Theorem el2xpss 8018

Description: Version of elrel 5770 for triple Cartesian products. (Contributed by Scott Fenton, 1-Feb-2025.)

Assertion

Ref	Expression
el2xpss	⊢ ((𝐴 ∈ 𝑅 ∧ 𝑅 ⊆ ((𝐵 × 𝐶) × 𝐷)) → ∃𝑥∃𝑦∃𝑧 𝐴 = ⟨𝑥, 𝑦, 𝑧⟩)

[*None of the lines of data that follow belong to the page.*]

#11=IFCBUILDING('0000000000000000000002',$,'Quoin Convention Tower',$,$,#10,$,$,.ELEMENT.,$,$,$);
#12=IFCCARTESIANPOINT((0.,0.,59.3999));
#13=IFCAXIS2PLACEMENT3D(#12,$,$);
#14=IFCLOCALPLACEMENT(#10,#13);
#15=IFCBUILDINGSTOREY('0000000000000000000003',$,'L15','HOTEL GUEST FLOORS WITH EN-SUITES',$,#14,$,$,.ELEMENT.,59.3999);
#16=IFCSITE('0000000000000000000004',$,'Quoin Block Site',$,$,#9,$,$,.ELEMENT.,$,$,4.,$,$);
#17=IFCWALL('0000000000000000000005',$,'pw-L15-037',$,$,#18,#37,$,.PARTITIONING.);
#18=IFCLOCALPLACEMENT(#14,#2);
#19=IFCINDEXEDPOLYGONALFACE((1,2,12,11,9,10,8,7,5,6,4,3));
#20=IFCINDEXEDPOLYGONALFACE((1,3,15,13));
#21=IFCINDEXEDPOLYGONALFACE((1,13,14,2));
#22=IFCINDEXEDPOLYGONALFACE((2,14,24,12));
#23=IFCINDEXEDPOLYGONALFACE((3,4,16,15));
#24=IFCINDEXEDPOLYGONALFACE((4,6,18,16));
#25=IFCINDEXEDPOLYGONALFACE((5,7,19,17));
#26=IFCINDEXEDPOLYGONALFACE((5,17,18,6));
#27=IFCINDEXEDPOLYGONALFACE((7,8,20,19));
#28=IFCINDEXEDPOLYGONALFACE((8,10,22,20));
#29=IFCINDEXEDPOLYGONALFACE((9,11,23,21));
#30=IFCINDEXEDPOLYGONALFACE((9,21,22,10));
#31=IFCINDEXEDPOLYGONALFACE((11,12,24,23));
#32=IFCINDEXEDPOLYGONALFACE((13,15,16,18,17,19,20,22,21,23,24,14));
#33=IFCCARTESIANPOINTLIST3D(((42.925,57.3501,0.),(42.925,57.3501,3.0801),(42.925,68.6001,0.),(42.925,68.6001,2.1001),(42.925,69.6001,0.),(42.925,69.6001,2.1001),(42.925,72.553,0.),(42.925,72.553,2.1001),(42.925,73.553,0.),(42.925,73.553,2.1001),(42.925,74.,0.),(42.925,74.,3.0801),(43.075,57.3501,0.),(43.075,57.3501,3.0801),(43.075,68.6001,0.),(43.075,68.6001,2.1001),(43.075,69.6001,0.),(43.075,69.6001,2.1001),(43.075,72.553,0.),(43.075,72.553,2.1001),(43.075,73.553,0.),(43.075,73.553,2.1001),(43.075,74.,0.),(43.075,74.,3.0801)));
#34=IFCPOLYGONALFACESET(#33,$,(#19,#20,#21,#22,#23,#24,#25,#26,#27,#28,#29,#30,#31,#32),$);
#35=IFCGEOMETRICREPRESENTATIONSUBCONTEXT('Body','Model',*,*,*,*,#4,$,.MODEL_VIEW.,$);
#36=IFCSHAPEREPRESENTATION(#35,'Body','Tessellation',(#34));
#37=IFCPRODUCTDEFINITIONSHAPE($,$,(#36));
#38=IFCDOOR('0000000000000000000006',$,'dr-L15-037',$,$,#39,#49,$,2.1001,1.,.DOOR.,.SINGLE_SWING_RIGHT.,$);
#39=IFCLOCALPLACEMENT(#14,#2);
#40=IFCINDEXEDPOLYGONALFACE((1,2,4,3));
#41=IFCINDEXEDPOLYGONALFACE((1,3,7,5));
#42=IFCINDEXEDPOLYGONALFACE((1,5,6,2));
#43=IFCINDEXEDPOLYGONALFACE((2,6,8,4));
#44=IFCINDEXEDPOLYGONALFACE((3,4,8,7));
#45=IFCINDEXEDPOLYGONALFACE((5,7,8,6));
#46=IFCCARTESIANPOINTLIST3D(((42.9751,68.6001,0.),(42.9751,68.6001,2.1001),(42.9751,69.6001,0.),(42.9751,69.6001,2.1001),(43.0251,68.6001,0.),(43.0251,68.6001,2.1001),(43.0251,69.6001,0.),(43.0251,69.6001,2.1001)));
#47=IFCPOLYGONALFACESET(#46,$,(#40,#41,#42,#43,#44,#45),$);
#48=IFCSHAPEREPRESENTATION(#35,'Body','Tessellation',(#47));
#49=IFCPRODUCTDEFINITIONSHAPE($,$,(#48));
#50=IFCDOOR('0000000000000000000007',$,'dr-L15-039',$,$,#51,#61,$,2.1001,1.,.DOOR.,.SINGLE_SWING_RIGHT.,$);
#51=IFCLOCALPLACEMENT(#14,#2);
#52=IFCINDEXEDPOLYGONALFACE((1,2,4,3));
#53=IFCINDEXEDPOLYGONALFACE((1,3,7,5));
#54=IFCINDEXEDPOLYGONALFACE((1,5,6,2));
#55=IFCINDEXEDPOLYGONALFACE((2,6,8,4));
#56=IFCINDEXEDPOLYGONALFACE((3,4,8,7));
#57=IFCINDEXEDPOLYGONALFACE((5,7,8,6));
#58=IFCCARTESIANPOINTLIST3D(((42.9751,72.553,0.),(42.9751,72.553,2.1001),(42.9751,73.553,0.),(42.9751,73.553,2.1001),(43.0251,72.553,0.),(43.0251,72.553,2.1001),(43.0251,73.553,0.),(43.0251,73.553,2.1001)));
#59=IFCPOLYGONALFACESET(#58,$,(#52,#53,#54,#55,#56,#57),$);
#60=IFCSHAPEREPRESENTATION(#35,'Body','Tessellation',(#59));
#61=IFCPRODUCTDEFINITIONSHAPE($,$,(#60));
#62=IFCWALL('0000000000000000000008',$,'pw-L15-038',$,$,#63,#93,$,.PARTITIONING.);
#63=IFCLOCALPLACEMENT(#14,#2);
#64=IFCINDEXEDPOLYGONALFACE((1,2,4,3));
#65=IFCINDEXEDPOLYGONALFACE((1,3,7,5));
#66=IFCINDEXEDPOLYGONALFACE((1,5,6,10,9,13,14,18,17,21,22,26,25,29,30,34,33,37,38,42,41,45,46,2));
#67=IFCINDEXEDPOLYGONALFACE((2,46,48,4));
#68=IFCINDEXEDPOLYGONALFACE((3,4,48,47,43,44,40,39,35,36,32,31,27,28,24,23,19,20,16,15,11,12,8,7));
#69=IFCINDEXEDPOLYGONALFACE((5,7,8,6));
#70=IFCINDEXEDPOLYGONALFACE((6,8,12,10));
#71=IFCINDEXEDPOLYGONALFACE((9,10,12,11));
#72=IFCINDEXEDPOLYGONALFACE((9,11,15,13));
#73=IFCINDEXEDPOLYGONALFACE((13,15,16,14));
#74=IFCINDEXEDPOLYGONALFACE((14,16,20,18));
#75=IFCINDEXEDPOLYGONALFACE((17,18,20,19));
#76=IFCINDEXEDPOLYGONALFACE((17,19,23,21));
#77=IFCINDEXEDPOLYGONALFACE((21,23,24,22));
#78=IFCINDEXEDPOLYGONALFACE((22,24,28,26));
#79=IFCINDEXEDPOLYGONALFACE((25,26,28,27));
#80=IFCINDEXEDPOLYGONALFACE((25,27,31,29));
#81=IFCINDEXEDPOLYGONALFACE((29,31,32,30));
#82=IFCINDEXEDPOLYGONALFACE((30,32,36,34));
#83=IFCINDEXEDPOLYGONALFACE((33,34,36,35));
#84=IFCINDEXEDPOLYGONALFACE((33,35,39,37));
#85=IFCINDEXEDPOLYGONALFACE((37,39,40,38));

Distinct variable groups:   𝑥,𝐴,𝑦,𝑧   𝑥,𝐵,𝑦,𝑧   𝑥,𝐶,𝑦,𝑧   𝑥,𝐷,𝑦,𝑧

Allowed substitution hints:   𝑅(𝑥,𝑦,𝑧)

Proof of Theorem el2xpss

Step	Hyp	Ref	Expression
1		ssel2 3931	. . 3 ⊢ ((𝑅 ⊆ ((𝐵 × 𝐶) × 𝐷) ∧ 𝐴 ∈ 𝑅) → 𝐴 ∈ ((𝐵 × 𝐶) × 𝐷))
2	1	ancoms 462	. 2 ⊢ ((𝐴 ∈ 𝑅 ∧ 𝑅 ⊆ ((𝐵 × 𝐶) × 𝐷)) → 𝐴 ∈ ((𝐵 × 𝐶) × 𝐷))
3		el2xptp 8016	. . 3 ⊢ (𝐴 ∈ ((𝐵 × 𝐶) × 𝐷) ↔ ∃𝑥 ∈ 𝐵 ∃𝑦 ∈ 𝐶 ∃𝑧 ∈ 𝐷 𝐴 = ⟨𝑥, 𝑦, 𝑧⟩)
4		rexex 3092	. . . . . . 7 ⊢ (∃𝑧 ∈ 𝐷 𝐴 = ⟨𝑥, 𝑦, 𝑧⟩ → ∃𝑧 𝐴 = ⟨𝑥, 𝑦, 𝑧⟩)
5	4	reximi 3100	. . . . . 6 ⊢ (∃𝑦 ∈ 𝐶 ∃𝑧 ∈ 𝐷 𝐴 = ⟨𝑥, 𝑦, 𝑧⟩ → ∃𝑦 ∈ 𝐶 ∃𝑧 𝐴 = ⟨𝑥, 𝑦, 𝑧⟩)
6		rexex 3092	. . . . . 6 ⊢ (∃𝑦 ∈ 𝐶 ∃𝑧 𝐴 = ⟨𝑥, 𝑦, 𝑧⟩ → ∃𝑦∃𝑧 𝐴 = ⟨𝑥, 𝑦, 𝑧⟩)
7	5, 6	syl 17	. . . . 5 ⊢ (∃𝑦 ∈ 𝐶 ∃𝑧 ∈ 𝐷 𝐴 = ⟨𝑥, 𝑦, 𝑧⟩ → ∃𝑦∃𝑧 𝐴 = ⟨𝑥, 𝑦, 𝑧⟩)
8	7	reximi 3100	. . . 4 ⊢ (∃𝑥 ∈ 𝐵 ∃𝑦 ∈ 𝐶 ∃𝑧 ∈ 𝐷 𝐴 = ⟨𝑥, 𝑦, 𝑧⟩ → ∃𝑥 ∈ 𝐵 ∃𝑦∃𝑧 𝐴 = ⟨𝑥, 𝑦, 𝑧⟩)
9		rexex 3092	. . . 4 ⊢ (∃𝑥 ∈ 𝐵 ∃𝑦∃𝑧 𝐴 = ⟨𝑥, 𝑦, 𝑧⟩ → ∃𝑥∃𝑦∃𝑧 𝐴 = ⟨𝑥, 𝑦, 𝑧⟩)
10	8, 9	syl 17	. . 3 ⊢ (∃𝑥 ∈ 𝐵 ∃𝑦 ∈ 𝐶 ∃𝑧 ∈ 𝐷 𝐴 = ⟨𝑥, 𝑦, 𝑧⟩ → ∃𝑥∃𝑦∃𝑧 𝐴 = ⟨𝑥, 𝑦, 𝑧⟩)
11	3, 10	sylbi 219	. 2 ⊢ (𝐴 ∈ ((𝐵 × 𝐶) × 𝐷) → ∃𝑥∃𝑦∃𝑧 𝐴 = ⟨𝑥, 𝑦, 𝑧⟩)
12	2, 11	syl 17	1 ⊢ ((𝐴 ∈ 𝑅 ∧ 𝑅 ⊆ ((𝐵 × 𝐶) × 𝐷)) → ∃𝑥∃𝑦∃𝑧 𝐴 = ⟨𝑥, 𝑦, 𝑧⟩)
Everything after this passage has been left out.